Peppa Pig, quando la politica entra nei cartoni animati
Che tutto sia politica è fuori discussione. D’altronde l’etimologia della parola parla chiaro. La Treccani asserisce come il termine “deriva dall’aggettivo greco πολιτικός, a sua volta derivato da πόλις, città. Era il termine in uso per designare ciò che appartiene alla dimensione della vita comune, dunque allo Stato (πόλις) e al cittadino (πολίτης)”.
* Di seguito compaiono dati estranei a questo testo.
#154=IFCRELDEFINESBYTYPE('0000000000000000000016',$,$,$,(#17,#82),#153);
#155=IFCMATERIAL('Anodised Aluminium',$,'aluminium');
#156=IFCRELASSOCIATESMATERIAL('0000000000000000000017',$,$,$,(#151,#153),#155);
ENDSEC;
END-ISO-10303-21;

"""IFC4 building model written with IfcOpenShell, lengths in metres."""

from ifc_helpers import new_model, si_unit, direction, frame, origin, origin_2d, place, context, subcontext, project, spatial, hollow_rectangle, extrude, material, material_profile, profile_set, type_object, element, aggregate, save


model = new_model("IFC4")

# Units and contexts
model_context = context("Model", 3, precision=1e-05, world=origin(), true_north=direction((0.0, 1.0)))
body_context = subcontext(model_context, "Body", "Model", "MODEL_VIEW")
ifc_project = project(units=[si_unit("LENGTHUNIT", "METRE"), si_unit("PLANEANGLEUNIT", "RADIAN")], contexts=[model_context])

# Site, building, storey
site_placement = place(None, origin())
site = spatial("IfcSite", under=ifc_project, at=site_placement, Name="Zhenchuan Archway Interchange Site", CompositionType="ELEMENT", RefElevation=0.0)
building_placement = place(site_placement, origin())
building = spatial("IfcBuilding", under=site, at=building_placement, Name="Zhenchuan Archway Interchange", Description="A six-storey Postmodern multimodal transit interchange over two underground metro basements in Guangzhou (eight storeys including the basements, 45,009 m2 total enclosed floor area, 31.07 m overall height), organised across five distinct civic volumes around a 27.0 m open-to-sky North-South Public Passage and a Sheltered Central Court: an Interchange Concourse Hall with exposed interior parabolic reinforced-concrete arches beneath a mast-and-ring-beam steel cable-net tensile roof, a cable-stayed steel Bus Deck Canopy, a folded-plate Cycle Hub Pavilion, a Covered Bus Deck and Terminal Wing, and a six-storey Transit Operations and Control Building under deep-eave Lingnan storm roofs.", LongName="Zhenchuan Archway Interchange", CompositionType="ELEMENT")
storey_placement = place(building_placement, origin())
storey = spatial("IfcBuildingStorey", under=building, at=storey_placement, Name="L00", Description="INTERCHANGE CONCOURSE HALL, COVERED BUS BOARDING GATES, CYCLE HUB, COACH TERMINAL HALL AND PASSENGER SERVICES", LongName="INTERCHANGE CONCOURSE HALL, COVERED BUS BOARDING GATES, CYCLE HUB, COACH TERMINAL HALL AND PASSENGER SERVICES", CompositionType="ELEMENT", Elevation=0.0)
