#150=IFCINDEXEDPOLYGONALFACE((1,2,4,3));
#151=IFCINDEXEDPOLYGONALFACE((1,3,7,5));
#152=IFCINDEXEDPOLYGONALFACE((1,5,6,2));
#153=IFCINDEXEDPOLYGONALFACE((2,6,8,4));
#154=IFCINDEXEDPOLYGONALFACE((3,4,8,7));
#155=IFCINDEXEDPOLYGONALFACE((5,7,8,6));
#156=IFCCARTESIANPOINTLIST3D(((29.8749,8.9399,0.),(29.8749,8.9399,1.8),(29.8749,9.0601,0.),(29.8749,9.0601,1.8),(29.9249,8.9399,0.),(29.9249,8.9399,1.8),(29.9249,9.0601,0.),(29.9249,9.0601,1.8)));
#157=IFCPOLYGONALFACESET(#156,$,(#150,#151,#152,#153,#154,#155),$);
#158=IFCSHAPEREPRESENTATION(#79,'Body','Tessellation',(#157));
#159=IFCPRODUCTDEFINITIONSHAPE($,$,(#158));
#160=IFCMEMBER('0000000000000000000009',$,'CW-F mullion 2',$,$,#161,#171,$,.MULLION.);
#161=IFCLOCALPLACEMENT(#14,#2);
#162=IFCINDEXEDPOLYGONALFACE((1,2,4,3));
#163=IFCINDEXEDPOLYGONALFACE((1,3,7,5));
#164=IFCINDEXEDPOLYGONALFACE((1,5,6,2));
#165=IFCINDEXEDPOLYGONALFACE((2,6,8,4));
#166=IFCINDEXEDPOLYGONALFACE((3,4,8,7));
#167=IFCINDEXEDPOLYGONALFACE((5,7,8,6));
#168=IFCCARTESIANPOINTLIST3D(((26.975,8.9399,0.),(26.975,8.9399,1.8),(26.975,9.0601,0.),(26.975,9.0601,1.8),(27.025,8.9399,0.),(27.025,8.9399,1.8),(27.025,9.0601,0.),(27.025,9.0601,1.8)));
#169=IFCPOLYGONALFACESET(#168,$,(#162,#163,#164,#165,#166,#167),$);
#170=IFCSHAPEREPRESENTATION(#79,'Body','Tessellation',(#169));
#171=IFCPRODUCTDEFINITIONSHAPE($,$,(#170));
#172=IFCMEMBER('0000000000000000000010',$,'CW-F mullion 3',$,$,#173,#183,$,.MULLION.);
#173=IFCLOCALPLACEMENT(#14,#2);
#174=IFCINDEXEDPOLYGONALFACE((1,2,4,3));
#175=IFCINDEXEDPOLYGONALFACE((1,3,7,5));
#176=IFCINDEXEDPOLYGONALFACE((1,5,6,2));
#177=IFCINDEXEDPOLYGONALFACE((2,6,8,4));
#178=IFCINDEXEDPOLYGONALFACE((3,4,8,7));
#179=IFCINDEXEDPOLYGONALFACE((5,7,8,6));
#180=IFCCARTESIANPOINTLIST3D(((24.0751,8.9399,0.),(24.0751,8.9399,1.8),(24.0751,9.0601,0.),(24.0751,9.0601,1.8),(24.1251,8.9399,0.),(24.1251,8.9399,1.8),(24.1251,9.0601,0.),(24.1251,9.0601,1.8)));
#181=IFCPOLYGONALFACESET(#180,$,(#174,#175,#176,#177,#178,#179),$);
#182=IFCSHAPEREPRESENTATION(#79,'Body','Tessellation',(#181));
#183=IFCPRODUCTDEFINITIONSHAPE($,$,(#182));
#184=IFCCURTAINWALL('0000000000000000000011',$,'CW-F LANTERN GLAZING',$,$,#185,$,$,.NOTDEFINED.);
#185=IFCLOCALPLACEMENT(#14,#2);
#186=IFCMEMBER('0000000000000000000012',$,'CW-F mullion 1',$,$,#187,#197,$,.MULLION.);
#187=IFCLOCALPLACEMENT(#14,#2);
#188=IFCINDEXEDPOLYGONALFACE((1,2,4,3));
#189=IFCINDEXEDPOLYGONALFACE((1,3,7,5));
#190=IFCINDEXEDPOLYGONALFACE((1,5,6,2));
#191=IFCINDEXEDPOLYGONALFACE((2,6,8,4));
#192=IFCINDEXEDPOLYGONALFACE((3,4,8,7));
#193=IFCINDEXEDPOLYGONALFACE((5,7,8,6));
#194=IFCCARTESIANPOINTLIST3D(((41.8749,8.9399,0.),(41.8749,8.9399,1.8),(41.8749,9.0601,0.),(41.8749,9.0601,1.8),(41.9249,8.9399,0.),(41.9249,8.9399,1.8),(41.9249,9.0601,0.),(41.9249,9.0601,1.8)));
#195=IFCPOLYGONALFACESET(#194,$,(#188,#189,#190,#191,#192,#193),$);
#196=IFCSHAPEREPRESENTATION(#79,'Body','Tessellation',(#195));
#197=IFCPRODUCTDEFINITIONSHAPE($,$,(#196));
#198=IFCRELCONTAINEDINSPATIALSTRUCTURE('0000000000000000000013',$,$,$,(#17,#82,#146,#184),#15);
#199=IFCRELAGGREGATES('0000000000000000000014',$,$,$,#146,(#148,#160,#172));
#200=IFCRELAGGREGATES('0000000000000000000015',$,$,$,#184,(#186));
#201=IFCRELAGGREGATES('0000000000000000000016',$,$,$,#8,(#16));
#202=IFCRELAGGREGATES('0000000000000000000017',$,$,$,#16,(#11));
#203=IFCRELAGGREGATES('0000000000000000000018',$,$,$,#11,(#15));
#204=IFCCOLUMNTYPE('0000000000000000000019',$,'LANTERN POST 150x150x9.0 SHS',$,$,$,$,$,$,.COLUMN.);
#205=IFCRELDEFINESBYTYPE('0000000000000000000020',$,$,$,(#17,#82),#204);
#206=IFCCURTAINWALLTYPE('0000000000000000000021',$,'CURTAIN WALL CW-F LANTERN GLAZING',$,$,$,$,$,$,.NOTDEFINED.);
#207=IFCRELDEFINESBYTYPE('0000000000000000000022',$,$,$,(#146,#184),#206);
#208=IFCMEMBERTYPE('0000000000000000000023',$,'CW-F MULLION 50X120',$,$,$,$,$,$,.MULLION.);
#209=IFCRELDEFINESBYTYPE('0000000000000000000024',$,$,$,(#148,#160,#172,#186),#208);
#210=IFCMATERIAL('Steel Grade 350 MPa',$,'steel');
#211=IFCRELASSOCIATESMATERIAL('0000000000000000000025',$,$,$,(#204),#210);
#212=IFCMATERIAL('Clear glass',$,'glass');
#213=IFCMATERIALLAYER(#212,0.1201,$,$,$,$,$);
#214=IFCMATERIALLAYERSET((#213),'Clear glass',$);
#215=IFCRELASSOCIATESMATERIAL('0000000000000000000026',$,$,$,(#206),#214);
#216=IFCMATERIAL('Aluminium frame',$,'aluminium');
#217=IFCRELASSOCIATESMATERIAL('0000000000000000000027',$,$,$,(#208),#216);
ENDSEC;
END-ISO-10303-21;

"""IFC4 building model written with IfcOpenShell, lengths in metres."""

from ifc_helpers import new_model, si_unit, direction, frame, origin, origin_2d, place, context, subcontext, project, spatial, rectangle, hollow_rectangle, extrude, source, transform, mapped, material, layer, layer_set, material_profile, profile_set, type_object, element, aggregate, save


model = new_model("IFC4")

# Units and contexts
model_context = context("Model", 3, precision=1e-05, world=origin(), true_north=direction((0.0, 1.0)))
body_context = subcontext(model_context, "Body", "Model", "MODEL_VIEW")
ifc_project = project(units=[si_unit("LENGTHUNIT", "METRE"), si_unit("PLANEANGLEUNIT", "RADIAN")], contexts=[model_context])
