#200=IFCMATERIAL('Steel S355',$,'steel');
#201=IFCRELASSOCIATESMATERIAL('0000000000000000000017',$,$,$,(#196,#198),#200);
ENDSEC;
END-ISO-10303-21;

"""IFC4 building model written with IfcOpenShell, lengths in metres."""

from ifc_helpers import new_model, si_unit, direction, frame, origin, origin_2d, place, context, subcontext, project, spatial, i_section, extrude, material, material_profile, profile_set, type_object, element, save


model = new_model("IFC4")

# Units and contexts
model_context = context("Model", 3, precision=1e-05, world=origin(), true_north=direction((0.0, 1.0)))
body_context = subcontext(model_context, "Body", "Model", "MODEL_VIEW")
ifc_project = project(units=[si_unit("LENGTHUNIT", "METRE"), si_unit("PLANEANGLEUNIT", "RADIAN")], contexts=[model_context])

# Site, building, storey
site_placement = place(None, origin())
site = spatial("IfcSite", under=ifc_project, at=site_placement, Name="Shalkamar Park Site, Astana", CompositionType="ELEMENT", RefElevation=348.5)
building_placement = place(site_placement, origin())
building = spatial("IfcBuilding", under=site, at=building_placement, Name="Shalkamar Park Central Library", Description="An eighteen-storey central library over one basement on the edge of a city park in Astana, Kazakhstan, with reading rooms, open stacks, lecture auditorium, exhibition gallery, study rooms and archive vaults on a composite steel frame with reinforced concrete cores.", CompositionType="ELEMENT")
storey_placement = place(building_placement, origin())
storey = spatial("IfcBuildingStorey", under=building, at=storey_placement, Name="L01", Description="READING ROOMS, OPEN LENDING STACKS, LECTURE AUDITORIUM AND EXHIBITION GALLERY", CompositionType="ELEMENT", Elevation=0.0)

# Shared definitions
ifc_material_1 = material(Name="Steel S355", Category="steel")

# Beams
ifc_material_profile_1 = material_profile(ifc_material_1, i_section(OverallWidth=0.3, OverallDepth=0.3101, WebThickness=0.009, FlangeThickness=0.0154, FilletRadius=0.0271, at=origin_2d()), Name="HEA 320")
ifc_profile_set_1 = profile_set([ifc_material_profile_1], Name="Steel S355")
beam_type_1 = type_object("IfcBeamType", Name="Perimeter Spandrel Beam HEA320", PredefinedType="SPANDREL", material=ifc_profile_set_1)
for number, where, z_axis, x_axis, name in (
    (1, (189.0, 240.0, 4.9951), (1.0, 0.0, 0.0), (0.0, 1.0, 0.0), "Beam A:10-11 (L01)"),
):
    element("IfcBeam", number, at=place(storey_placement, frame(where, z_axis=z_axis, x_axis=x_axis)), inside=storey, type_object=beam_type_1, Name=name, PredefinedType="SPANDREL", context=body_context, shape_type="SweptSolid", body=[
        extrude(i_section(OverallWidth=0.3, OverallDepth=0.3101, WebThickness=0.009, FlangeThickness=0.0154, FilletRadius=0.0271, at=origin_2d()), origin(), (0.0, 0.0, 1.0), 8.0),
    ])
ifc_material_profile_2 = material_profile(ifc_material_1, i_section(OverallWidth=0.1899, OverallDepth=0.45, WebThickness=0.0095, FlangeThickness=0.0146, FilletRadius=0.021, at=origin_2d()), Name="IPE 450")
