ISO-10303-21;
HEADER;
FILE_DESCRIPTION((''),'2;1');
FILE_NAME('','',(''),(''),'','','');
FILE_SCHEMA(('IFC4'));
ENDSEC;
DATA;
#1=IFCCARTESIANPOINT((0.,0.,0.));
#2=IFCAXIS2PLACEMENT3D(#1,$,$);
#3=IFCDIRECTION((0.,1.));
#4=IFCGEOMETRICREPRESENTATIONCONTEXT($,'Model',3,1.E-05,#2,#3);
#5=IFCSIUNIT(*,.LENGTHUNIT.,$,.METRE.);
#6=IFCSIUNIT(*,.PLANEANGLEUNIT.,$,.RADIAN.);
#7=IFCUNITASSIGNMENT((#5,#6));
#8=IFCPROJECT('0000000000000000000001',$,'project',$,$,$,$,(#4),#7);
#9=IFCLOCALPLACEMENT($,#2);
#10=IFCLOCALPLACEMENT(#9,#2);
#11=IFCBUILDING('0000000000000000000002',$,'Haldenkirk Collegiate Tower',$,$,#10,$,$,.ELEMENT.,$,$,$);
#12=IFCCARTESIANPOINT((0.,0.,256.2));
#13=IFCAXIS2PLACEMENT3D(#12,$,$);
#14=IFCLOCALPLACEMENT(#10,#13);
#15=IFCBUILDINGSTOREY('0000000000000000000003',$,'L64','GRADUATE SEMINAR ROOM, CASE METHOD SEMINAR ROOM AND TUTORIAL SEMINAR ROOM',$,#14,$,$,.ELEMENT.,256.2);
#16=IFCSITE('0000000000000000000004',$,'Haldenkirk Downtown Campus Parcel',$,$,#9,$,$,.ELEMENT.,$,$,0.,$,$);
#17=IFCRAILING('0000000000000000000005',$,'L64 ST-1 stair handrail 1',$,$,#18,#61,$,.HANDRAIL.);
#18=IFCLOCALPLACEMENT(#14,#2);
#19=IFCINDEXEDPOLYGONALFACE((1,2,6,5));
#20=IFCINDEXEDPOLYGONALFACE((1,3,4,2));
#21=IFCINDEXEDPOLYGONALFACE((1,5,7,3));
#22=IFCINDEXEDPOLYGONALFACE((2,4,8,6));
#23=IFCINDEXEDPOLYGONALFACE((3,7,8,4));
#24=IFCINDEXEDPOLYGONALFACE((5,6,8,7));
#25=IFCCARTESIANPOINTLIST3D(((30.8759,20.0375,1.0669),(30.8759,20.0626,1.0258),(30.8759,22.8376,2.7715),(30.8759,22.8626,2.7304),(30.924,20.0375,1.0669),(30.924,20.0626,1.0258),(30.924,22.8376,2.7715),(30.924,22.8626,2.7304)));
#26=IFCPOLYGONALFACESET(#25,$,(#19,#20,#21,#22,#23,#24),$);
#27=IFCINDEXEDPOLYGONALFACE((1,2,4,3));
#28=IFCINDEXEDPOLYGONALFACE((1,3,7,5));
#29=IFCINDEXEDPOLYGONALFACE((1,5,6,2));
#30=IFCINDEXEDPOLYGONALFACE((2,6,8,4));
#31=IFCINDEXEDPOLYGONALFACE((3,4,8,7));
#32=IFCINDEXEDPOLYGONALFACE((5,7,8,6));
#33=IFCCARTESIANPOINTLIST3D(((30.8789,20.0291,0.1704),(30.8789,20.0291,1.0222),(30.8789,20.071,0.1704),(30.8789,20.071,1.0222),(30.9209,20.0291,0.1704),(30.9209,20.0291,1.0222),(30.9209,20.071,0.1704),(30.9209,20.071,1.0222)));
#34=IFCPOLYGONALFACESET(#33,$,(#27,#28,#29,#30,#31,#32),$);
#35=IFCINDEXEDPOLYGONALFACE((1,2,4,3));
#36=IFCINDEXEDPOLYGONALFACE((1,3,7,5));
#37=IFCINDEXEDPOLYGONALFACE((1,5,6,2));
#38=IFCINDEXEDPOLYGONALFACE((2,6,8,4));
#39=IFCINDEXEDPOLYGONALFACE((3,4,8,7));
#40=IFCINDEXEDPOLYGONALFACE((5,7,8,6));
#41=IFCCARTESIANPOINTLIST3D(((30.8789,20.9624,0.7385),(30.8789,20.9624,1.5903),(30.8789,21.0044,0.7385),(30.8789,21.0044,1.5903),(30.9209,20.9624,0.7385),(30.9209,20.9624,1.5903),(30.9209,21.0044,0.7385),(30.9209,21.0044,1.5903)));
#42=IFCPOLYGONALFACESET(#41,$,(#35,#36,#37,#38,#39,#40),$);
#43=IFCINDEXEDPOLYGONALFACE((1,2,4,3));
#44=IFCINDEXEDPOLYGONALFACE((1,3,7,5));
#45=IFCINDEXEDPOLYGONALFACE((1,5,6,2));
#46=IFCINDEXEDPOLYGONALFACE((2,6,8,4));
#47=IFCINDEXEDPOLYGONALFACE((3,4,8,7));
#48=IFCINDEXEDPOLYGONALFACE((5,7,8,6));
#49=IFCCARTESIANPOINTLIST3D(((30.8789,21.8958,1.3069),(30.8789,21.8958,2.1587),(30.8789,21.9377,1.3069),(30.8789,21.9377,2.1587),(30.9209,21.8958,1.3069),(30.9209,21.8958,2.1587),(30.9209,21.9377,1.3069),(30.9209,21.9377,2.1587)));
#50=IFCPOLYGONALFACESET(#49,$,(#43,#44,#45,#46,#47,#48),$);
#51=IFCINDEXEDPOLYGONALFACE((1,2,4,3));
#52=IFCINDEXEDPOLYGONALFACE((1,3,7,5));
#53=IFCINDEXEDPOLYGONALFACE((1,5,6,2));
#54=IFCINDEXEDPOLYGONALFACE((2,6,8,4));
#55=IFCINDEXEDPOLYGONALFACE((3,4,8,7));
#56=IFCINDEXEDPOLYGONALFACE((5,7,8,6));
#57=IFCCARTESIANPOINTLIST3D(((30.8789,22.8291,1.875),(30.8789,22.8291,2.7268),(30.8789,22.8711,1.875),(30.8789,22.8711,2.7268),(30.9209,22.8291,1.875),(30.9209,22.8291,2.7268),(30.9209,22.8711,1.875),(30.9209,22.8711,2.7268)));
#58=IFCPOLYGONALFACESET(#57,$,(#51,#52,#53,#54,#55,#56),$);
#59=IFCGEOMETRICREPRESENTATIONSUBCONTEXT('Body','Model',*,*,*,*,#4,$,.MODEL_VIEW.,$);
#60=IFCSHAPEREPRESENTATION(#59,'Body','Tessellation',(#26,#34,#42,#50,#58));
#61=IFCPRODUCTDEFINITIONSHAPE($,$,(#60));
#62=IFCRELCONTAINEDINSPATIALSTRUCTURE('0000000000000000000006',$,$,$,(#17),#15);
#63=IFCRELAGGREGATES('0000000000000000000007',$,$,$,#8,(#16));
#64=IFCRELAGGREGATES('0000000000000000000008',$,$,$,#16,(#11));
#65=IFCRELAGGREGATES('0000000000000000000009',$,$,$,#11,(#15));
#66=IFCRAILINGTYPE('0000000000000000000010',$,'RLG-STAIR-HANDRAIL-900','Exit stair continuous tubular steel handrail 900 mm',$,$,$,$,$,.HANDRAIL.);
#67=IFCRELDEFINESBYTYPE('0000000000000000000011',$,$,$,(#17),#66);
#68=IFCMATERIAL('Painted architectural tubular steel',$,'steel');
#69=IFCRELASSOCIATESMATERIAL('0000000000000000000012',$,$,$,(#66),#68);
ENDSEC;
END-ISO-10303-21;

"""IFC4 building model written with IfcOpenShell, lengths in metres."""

from ifc_helpers import new_model, si_unit, direction, frame, origin, origin_2d, place, context, subcontext, project, spatial, rectangle, extrude, material, type_object, element, save


model = new_model("IFC4")

# Units and contexts
model_context = context("Model", 3, precision=1e-05, world=origin(), true_north=direction((0.0, 1.0)))
body_context = subcontext(model_context, "Body", "Model", "MODEL_VIEW")
ifc_project = project(units=[si_unit("LENGTHUNIT", "METRE"), si_unit("PLANEANGLEUNIT", "RADIAN")], contexts=[model_context])

# Site, building, storey
site_placement = place(None, origin())
site = spatial("IfcSite", under=ifc_project, at=site_placement, Name="Haldenkirk Downtown Campus Parcel", CompositionType="ELEMENT", RefElevation=0.0)
building_placement = place(site_placement, origin())
building = spatial("IfcBuilding", under=site, at=building_placement, Name="Haldenkirk Collegiate Tower", CompositionType="ELEMENT")
storey_placement = place(building_placement, frame((0.0, 0.0, 256.2)))
storey = spatial("IfcBuildingStorey", under=building, at=storey_placement, Name="L64", Description="GRADUATE SEMINAR ROOM, CASE METHOD SEMINAR ROOM AND TUTORIAL SEMINAR ROOM", CompositionType="ELEMENT", Elevation=256.2)

# Railing
ifc_material_1 = material(Name="Painted architectural tubular steel", Category="steel")
railing_type_1 = type_object("IfcRailingType", Name="RLG-STAIR-HANDRAIL-900", Description="Exit stair continuous tubular steel handrail 900 mm", PredefinedType="HANDRAIL", material=ifc_material_1)
railing_1_placement = place(storey_placement, frame((30.8999, 20.05, 0.1704)))
element("IfcRailing", 1, at=railing_1_placement, inside=storey, type_object=railing_type_1, Name="L64 ST-1 stair handrail 1", PredefinedType="HANDRAIL", context=body_context, shape_type="SweptSolid", body=[
    extrude(rectangle(XDim=0.0481, YDim=0.0481, at=origin_2d()), frame((0.0, 0.0, 0.876), z_axis=(0.0, 0.85417, 0.519994), x_axis=(-1.0, 0.0, 0.0)), (0.0, 0.0, 1.0), 3.2781),
    extrude(rectangle(XDim=0.042, YDim=0.042, at=origin_2d()), origin(), (0.0, 0.0, 1.0), 0.8518),
    extrude(rectangle(XDim=0.042, YDim=0.042, at=origin_2d()), frame((0.0, 0.9333, 0.5681)), (0.0, 0.0, 1.0), 0.8518),
    extrude(rectangle(XDim=0.042, YDim=0.042, at=origin_2d()), frame((0.0, 1.8667, 1.1365)), (0.0, 0.0, 1.0), 0.8518),
    extrude(rectangle(XDim=0.042, YDim=0.042, at=origin_2d()), frame((0.0, 2.8, 1.7046)), (0.0, 0.0, 1.0), 0.8518),
])

save(model, "model.ifc")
Quindi cosa c’entra Peppa Pig?
Il cartone animato, che quest’anno ha compiuto 18 anni, è da sempre un punto di riferimento nell’intrattenimento dei bambini. Si potrebbe dire che svolge anche un ruolo pedagogico (maestro Manzi, ci perdoni). Un qualcosa dunque di interesse pubblico, attinente ad una dimensione della vita di (piccoli) cittadini.
Sebbene sia un semplice cartone animato per bambini, il maialino questa volta fa parlare e discutere i più grandi. In una delle ultime puntate è stato inserito il tema delle famiglie omogenitoriali. In particolare l’orso polare Penny presenta a Peppa Pig le sue due mamme.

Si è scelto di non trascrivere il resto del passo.